Note that several rings in Emacs, like the kill ring and the mark
ring, are actually implemented as simple lists, _not_ using the ‘ring’
package; thus the following functions won’t work on them.
-- Function: make-ring size
This returns a new ring capable of holding SIZE objects. SIZE
should be an integer.
-- Function: ring-p object
This returns ‘t’ if OBJECT is a ring, ‘nil’ otherwise.
-- Function: ring-size ring
This returns the maximum capacity of the RING.
-- Function: ring-length ring
This returns the number of objects that RING currently contains.
The value will never exceed that returned by ‘ring-size’.
-- Function: ring-elements ring
This returns a list of the objects in RING, in order, newest first.
-- Function: ring-copy ring
This returns a new ring which is a copy of RING. The new ring
contains the same (‘eq’) objects as RING.
-- Function: ring-empty-p ring
This returns ‘t’ if RING is empty, ‘nil’ otherwise.
The newest element in the ring always has index 0. Higher indices
correspond to older elements.

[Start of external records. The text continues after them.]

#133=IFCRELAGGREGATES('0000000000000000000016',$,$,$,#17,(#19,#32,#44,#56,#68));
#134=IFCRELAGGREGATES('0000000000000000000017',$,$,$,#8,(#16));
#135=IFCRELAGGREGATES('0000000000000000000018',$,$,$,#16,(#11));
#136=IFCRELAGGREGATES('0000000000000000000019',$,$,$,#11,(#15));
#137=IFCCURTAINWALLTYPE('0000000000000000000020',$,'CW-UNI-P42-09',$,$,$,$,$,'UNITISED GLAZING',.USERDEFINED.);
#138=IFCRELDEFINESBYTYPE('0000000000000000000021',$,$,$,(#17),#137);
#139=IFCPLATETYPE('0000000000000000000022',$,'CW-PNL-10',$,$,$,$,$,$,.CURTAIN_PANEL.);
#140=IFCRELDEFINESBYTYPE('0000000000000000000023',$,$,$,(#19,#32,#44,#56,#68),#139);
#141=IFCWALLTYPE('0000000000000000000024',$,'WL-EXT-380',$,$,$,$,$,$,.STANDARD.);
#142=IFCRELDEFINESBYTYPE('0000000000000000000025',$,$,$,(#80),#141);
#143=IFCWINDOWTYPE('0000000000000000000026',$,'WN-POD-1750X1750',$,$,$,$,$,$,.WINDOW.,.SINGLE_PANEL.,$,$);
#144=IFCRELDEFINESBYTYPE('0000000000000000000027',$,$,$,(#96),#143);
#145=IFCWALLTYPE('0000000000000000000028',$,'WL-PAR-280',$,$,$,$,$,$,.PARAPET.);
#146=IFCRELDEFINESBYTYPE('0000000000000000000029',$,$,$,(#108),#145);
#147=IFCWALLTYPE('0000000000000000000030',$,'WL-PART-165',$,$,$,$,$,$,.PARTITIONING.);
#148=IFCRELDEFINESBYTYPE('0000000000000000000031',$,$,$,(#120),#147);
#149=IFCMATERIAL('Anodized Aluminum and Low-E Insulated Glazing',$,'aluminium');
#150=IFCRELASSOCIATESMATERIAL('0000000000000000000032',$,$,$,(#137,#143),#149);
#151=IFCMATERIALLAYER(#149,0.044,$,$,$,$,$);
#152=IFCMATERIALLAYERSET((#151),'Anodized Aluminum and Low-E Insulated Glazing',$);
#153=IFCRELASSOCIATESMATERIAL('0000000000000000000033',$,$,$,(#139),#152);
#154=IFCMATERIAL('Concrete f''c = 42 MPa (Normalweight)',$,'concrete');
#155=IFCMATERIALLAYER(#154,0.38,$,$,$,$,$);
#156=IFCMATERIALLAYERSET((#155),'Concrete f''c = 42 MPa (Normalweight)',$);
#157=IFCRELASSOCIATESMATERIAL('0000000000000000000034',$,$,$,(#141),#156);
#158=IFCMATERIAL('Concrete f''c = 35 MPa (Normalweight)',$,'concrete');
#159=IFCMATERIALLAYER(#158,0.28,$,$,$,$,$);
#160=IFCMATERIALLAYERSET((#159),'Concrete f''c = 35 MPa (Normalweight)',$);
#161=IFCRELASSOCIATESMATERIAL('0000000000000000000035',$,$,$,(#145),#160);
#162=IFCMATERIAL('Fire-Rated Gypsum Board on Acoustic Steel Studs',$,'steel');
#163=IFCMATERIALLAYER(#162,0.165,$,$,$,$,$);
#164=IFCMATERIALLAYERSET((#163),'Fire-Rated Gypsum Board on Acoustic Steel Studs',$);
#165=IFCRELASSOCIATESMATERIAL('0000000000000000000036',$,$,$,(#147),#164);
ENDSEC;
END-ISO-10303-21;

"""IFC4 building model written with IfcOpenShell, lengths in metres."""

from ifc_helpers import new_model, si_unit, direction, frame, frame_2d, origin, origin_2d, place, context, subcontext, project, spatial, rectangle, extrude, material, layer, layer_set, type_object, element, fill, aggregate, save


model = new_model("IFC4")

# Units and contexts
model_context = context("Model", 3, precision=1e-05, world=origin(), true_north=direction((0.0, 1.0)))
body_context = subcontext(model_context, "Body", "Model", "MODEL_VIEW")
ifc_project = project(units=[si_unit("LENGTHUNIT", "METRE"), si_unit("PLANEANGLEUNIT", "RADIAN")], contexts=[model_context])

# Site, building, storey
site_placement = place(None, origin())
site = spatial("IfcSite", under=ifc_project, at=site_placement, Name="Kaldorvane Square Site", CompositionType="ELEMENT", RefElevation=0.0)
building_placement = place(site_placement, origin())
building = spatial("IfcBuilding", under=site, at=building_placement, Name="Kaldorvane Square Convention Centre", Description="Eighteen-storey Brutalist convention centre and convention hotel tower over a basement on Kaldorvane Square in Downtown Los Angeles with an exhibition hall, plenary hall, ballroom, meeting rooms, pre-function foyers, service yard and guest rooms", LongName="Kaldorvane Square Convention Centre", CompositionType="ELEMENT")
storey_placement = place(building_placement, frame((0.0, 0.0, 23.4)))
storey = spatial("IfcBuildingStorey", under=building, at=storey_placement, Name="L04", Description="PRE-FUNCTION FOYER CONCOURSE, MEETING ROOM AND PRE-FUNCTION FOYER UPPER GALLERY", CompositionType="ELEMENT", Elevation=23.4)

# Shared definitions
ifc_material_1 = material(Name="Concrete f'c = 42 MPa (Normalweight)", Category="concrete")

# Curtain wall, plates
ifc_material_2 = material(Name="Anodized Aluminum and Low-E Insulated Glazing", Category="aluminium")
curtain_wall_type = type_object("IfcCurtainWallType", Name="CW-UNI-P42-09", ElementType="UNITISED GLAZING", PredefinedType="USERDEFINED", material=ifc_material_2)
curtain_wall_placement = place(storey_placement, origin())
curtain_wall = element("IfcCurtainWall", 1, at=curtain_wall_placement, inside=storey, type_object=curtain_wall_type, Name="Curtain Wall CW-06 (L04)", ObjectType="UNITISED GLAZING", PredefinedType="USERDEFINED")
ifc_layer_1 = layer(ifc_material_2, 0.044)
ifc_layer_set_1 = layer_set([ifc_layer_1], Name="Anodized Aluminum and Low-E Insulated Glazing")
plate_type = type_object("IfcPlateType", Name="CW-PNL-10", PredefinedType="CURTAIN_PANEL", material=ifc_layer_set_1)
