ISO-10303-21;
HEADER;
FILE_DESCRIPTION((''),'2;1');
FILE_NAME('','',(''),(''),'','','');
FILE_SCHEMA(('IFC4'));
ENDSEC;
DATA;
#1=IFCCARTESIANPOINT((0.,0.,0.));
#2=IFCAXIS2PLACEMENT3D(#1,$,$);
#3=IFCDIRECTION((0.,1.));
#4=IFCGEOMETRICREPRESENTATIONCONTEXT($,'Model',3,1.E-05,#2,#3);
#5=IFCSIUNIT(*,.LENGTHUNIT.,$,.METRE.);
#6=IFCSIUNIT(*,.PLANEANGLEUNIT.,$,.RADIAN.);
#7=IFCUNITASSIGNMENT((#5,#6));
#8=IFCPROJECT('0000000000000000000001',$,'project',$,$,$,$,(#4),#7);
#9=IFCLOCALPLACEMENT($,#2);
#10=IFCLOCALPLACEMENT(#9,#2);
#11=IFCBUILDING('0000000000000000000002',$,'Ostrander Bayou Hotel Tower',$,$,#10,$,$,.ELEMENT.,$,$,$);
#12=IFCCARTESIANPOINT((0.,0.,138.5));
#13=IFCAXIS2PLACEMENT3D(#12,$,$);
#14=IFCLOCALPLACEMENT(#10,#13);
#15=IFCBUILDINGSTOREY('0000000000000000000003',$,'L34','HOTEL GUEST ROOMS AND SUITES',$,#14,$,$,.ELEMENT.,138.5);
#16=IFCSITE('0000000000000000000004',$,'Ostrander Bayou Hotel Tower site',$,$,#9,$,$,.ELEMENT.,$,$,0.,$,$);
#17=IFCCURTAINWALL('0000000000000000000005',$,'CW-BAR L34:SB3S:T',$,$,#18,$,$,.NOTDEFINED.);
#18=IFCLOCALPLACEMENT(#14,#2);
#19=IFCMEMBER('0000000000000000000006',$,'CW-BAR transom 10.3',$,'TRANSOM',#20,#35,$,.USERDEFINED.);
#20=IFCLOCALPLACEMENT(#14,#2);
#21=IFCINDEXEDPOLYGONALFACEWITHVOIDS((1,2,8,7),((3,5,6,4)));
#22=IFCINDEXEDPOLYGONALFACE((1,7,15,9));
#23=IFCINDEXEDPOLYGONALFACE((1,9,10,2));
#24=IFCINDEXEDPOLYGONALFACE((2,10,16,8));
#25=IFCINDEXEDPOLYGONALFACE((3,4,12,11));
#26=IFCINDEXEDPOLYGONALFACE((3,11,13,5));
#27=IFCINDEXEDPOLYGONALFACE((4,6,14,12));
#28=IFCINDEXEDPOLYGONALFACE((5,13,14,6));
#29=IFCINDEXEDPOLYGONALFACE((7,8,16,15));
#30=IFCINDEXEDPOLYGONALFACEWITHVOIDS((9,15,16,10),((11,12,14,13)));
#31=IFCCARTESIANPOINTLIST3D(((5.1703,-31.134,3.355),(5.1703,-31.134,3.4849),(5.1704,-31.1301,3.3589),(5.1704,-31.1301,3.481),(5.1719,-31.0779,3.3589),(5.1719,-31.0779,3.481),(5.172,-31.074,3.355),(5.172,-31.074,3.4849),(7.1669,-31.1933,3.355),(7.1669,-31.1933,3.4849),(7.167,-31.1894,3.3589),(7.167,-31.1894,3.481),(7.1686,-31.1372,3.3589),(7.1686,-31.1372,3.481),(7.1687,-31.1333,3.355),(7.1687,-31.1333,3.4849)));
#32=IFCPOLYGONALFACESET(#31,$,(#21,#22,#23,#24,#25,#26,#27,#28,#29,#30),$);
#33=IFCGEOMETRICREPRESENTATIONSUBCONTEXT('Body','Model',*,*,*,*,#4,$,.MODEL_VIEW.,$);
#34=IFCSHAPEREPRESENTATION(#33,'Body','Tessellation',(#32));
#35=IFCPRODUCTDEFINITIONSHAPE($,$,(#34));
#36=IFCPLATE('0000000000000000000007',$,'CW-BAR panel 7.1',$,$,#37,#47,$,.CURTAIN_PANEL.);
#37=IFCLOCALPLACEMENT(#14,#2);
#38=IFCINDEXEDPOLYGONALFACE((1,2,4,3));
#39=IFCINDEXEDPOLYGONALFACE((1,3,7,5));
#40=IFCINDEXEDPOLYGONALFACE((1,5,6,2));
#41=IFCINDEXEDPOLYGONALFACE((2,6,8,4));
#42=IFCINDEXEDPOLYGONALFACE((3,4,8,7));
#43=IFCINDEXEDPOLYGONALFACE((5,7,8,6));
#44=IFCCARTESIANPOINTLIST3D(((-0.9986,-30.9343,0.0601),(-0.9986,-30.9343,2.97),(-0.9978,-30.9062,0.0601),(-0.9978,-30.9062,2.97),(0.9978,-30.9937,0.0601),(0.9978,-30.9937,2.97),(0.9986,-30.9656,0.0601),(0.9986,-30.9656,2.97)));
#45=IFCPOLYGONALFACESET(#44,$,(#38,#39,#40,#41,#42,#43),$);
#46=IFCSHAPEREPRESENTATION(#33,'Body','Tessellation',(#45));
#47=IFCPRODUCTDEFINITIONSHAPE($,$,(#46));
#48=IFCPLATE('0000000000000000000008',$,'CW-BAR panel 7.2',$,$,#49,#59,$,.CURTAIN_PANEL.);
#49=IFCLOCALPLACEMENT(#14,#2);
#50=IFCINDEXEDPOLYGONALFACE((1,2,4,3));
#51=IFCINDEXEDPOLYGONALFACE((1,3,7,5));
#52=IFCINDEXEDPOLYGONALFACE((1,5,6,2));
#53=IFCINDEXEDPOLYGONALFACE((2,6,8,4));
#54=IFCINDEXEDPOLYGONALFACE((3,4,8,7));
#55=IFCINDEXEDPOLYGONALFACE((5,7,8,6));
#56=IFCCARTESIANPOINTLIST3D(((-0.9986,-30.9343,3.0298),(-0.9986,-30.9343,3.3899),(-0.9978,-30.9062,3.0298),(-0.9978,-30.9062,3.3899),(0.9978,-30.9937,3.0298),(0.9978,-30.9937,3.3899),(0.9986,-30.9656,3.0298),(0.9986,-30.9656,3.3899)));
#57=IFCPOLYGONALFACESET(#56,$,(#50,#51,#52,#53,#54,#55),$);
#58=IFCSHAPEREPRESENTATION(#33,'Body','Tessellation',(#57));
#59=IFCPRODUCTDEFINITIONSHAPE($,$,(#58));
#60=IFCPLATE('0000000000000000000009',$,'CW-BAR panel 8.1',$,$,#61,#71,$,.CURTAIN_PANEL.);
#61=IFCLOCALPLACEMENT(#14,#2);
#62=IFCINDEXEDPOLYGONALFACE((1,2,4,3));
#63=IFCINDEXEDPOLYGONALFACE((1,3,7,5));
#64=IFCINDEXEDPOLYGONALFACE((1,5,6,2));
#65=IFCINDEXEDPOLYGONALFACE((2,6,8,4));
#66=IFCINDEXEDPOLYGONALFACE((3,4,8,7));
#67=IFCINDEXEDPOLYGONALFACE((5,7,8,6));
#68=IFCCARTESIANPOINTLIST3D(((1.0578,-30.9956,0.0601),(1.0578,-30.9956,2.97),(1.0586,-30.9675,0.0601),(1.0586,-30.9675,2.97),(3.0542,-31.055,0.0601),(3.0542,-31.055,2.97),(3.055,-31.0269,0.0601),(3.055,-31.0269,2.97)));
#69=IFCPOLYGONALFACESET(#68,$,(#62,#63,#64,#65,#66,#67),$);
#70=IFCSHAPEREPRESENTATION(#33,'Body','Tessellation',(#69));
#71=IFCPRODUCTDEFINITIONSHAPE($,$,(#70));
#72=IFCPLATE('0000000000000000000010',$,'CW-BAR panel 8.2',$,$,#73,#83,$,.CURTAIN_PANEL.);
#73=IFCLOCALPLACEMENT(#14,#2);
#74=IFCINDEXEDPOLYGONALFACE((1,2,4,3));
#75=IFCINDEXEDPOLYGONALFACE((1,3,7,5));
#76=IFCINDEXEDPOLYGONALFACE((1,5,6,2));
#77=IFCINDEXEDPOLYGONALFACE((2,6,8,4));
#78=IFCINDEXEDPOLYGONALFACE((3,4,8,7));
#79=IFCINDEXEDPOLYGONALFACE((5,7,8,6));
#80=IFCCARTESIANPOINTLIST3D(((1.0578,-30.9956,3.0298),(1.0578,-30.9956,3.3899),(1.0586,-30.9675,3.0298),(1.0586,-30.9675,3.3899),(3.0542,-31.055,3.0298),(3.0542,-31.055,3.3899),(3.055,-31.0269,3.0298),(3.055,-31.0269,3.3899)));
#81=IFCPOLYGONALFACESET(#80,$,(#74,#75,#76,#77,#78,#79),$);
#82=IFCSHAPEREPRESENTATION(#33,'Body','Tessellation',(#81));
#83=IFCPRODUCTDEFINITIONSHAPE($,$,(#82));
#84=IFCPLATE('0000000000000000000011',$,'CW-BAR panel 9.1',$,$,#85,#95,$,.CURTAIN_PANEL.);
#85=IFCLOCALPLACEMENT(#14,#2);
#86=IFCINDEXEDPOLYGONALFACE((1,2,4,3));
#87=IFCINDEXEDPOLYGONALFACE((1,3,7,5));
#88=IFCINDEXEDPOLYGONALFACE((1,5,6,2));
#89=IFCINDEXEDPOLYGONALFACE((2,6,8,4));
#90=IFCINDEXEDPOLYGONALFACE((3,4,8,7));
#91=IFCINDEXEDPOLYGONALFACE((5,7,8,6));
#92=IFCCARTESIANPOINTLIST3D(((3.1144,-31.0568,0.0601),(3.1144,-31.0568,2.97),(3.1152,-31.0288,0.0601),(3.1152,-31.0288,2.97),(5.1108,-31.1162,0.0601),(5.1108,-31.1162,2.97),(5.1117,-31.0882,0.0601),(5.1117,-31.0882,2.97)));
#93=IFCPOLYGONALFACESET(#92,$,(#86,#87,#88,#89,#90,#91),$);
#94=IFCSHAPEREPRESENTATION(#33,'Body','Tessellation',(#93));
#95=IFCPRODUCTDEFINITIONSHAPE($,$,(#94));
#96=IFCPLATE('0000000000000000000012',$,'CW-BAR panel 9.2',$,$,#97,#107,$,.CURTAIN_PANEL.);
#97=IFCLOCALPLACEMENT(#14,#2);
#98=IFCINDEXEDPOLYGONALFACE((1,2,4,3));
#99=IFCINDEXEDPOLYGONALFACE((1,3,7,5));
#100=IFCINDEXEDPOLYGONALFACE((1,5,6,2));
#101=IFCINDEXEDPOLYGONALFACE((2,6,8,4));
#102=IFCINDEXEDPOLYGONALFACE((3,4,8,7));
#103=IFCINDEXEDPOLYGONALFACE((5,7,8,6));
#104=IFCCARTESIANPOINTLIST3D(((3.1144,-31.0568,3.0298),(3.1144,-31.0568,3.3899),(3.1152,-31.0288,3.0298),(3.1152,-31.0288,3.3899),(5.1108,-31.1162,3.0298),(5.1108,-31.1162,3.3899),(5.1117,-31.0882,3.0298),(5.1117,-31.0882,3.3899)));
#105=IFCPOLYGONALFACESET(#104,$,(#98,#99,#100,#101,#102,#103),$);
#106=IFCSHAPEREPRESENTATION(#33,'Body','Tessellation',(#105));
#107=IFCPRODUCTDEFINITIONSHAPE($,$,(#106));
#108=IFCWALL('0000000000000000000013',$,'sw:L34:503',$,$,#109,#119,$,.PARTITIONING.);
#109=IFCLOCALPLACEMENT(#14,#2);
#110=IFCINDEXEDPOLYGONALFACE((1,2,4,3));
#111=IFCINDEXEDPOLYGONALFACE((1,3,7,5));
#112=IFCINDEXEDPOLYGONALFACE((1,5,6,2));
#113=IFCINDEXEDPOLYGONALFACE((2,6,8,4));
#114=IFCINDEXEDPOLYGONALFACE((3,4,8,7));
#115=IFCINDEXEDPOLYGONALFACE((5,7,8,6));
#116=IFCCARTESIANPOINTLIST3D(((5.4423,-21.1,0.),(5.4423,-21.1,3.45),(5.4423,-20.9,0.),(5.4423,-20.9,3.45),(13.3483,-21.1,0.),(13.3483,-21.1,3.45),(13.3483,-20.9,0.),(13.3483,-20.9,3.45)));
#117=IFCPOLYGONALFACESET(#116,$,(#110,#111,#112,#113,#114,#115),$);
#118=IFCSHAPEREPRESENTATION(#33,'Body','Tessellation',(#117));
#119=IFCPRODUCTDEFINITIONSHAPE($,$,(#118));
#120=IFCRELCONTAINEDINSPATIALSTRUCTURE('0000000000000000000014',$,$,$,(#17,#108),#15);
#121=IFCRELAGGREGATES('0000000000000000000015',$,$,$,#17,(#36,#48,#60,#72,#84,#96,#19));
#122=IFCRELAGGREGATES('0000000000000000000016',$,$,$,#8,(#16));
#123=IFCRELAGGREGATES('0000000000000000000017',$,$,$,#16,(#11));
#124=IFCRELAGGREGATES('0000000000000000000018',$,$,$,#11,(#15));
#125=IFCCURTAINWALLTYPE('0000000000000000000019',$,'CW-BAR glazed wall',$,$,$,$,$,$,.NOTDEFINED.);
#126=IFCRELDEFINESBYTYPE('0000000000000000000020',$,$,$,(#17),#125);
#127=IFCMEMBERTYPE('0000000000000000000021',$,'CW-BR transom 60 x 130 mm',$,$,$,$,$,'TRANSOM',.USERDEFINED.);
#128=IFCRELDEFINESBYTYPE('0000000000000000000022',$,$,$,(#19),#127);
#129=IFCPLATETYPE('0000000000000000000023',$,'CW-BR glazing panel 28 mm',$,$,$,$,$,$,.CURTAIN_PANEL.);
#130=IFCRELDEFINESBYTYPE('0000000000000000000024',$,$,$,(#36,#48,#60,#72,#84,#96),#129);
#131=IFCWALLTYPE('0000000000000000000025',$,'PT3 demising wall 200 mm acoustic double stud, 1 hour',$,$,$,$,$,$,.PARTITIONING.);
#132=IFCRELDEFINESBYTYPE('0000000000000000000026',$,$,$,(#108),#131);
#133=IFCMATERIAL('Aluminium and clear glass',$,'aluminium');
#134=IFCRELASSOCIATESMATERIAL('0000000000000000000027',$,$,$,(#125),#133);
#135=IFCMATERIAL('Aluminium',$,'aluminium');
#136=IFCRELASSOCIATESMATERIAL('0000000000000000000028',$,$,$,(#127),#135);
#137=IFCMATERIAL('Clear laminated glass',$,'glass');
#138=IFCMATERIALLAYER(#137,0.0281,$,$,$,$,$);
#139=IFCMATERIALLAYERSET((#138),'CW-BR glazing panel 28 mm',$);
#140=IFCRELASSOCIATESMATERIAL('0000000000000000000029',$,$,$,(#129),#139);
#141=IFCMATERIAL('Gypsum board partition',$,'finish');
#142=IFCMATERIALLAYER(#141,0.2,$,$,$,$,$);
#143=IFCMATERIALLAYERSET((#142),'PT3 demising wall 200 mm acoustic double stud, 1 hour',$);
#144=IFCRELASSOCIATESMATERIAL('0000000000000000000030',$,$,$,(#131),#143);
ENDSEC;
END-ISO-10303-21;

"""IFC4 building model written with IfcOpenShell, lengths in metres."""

from ifc_helpers import new_model, si_unit, direction, frame, frame_2d, origin, origin_2d, place, context, subcontext, project, spatial, rectangle, hollow_rectangle, extrude, material, layer, layer_set, material_profile, profile_set, type_object, element, aggregate, save


model = new_model("IFC4")

# Units and contexts
model_context = context("Model", 3, precision=1e-05, world=origin(), true_north=direction((0.0, 1.0)))
body_context = subcontext(model_context, "Body", "Model", "MODEL_VIEW")
ifc_project = project(units=[si_unit("LENGTHUNIT", "METRE"), si_unit("PLANEANGLEUNIT", "RADIAN")], contexts=[model_context])

# Site, building, storey
site_placement = place(None, origin())
site = spatial("IfcSite", under=ifc_project, at=site_placement, Name="Ostrander Bayou Hotel Tower site", CompositionType="ELEMENT", RefElevation=0.0)
building_placement = place(site_placement, origin())
building = spatial("IfcBuilding", under=site, at=building_placement, Name="Ostrander Bayou Hotel Tower", CompositionType="ELEMENT")
storey_placement = place(building_placement, frame((0.0, 0.0, 138.5)))
storey = spatial("IfcBuildingStorey", under=building, at=storey_placement, Name="L34", Description="HOTEL GUEST ROOMS AND SUITES", CompositionType="ELEMENT", Elevation=138.5)

# Curtain wall, member, plates
ifc_material_1 = material(Name="Aluminium and clear glass", Category="aluminium")
curtain_wall_type = type_object("IfcCurtainWallType", Name="CW-BAR glazed wall", PredefinedType="NOTDEFINED", material=ifc_material_1)
curtain_wall_placement = place(storey_placement, origin())
curtain_wall = element("IfcCurtainWall", 1, at=curtain_wall_placement, inside=storey, type_object=curtain_wall_type, Name="CW-BAR L34:SB3S:T", PredefinedType="NOTDEFINED")
ifc_material_2 = material(Name="Aluminium", Category="aluminium")
ifc_material_profile_1 = material_profile(ifc_material_2, hollow_rectangle(XDim=0.0601, YDim=0.1299, WallThickness=0.0039, at=origin_2d()))
ifc_profile_set_1 = profile_set([ifc_material_profile_1], Name="Aluminium")
member_type_1 = type_object("IfcMemberType", Name="CW-BR transom 60 x 130 mm", ElementType="TRANSOM", PredefinedType="USERDEFINED", material=ifc_profile_set_1)
member_1_placement = place(storey_placement, frame((5.1711, -31.104, 3.4199), z_axis=(0.999559, -0.029701, 0.0), x_axis=(0.029701, 0.999559, 0.0)))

Indices are computed modulo the ring
length. Index −1 corresponds to the oldest element, −2 to the
next-oldest, and so forth.
-- Function: ring-ref ring index
This returns the object in RING found at index INDEX. INDEX may be
negative or greater than the ring length. If RING is empty,
‘ring-ref’ signals an error.
-- Function: ring-insert ring object
This inserts OBJECT into RING, making it the newest element, and
returns OBJECT.
If the ring is full, insertion removes the oldest element to make
room for the new element.
-- Function: ring-remove ring &optional index
Remove an object from RING, and return that object. The argument
INDEX specifies which item to remove; if it is ‘nil’, that means to
remove the oldest item. If RING is empty, ‘ring-remove’ signals an
error.
-- Function: ring-insert-at-beginning ring object
This inserts OBJECT into RING, treating it as the oldest element.
The return value is not significant.
If the ring is full, this function removes the newest element to
make room for the inserted element.
If you are careful not to exceed the ring size, you can use the ring
as a first-in-first-out queue. For example:
(let ((fifo (make-ring 5)))
(mapc (lambda (obj) (ring-insert fifo obj))
'(0 one "two"))
(list (ring-remove fifo) t
(ring-remove fifo) t
(ring-remove fifo)))
⇒ (0 t one t "two")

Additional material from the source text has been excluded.